Çay, yağ, makyaj, çikolata lekeleri… Gün içinde fark etmeden üzerinize bulaşan lekeler artık kâbus olmaktan çıkıyor. Siemens iQ500 çamaşır makinesi ile stainRemoval teknolojisi devreye giriyor. Tek bir dokunuşla çay, yağ, kozmetik veya günlük hayatta karşılaştığınız diğer zor lekeler için özel programları aktif edebilirsiniz. 

Siemens Home Connect uygulaması sayesinde daha fazla leke türünü ve bunlar için geliştirilmiş özel programları keşfetmek de mümkün. Yani sadece “lekeyi çıkar” demekle kalmıyor, sizin için en doğru yıkama programını da otomatik olarak öneriyor. Böylece hem lekelerle uğraşmak zorunda kalmıyor hem de giysilerinizin ömrünü koruyorsunuz. 

Artık çocuğunuza yemek yedirirken dökülen yemek lekeleri, kahve kazaları ya da mutfakta sıçrayan yağ lekeleri sizi endişelendirmiyor. stainRemoval, günlük hayatın getirdiği küçük sürprizlere karşı en güvenilir yardımcınız oluyor. 

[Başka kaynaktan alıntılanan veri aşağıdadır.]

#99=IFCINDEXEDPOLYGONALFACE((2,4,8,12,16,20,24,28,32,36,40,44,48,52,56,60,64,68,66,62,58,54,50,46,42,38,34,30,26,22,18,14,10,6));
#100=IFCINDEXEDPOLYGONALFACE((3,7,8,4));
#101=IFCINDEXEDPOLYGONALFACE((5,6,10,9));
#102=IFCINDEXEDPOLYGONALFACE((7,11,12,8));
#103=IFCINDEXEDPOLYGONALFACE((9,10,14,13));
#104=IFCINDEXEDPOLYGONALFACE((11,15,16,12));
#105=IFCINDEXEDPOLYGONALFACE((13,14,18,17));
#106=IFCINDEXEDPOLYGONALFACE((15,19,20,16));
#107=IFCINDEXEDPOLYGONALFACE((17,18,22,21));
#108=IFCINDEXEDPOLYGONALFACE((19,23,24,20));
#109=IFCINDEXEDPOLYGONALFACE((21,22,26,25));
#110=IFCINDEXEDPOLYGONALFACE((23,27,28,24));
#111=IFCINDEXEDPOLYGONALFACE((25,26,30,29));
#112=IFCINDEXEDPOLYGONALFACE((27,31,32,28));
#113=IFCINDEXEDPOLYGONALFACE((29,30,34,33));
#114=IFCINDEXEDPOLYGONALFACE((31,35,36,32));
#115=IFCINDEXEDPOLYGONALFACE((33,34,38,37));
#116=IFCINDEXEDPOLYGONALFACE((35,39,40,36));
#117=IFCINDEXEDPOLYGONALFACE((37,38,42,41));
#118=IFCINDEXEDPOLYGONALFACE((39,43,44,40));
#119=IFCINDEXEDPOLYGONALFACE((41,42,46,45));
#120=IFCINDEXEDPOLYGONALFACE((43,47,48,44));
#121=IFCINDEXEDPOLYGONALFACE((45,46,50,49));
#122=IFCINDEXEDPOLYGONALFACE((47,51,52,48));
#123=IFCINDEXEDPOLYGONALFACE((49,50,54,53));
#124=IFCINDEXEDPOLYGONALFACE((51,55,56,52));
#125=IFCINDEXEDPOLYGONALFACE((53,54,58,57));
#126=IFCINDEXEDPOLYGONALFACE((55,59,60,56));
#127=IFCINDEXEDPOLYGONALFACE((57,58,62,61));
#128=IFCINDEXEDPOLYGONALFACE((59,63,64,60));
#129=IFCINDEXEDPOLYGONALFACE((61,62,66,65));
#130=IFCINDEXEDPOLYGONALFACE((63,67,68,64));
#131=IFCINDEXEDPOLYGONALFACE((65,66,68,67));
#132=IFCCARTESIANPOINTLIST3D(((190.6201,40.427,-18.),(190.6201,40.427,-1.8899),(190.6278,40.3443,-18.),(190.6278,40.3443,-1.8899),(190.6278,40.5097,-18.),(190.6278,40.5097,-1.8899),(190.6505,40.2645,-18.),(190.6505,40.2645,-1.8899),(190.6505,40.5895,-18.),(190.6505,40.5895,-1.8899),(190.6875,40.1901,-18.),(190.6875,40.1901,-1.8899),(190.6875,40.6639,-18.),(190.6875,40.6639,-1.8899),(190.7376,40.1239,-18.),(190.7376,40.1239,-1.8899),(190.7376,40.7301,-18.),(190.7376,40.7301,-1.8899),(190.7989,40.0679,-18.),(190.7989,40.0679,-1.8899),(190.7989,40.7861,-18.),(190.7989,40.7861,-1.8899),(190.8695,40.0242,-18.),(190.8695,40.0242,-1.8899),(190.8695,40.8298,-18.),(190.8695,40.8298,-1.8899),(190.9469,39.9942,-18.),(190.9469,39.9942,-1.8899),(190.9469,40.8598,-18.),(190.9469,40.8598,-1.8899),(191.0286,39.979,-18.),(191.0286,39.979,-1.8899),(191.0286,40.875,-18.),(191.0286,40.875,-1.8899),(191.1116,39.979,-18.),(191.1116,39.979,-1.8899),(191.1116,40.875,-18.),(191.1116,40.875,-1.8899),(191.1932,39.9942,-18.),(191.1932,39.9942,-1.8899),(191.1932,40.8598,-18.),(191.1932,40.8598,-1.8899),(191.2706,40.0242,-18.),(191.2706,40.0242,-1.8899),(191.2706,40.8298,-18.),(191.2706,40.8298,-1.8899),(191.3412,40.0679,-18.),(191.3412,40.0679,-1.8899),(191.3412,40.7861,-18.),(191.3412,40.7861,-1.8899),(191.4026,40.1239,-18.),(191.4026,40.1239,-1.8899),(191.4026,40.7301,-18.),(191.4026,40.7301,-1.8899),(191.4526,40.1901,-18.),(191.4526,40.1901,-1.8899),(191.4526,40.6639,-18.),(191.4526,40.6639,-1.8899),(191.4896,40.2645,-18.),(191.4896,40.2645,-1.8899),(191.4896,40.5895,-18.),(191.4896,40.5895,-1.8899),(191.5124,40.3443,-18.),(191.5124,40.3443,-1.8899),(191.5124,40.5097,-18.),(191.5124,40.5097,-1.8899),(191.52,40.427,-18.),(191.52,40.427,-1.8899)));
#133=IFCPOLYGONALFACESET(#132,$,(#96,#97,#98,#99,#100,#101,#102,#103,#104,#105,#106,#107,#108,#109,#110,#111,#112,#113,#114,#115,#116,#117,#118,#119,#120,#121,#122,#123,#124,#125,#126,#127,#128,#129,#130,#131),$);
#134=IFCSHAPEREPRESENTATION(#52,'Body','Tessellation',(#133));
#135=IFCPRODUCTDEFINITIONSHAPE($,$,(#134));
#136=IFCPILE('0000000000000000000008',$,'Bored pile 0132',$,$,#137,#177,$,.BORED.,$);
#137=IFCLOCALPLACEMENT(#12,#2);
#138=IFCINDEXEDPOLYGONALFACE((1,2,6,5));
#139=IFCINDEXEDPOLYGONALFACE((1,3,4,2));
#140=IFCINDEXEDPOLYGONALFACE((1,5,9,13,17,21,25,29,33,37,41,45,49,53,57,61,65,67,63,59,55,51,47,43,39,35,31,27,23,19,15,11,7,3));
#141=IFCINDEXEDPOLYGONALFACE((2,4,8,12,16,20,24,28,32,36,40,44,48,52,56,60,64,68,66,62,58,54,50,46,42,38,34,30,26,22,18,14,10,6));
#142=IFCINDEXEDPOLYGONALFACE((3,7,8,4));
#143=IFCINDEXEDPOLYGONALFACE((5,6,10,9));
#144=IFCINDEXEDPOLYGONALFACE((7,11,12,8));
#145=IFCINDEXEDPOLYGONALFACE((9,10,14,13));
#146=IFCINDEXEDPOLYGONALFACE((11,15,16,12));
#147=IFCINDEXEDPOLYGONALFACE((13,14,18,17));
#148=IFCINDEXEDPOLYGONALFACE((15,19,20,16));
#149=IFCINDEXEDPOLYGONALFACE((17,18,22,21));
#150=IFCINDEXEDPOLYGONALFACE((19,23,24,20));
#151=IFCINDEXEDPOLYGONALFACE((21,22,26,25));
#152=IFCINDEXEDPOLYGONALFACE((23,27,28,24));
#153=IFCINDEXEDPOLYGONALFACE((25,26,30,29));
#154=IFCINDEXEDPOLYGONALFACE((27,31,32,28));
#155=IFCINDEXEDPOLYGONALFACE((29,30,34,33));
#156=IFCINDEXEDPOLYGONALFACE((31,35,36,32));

Siemens iQ500 çamaşır ve kurutma makineleri, artık sadece kıyafetlerinizi temizleyen makineler değil; size zaman, konfor ve güven veren akıllı iş ortaklarınızdır. Ütüye harcadığınız vakti kendinize ayırın, lekelerle uğraşmayı unutun ve teknolojinin yaşam alanınıza uyumunun keyfini yaşayın.

*Bu yazı Siemens’in katkılarıyla hazırlanmıştır.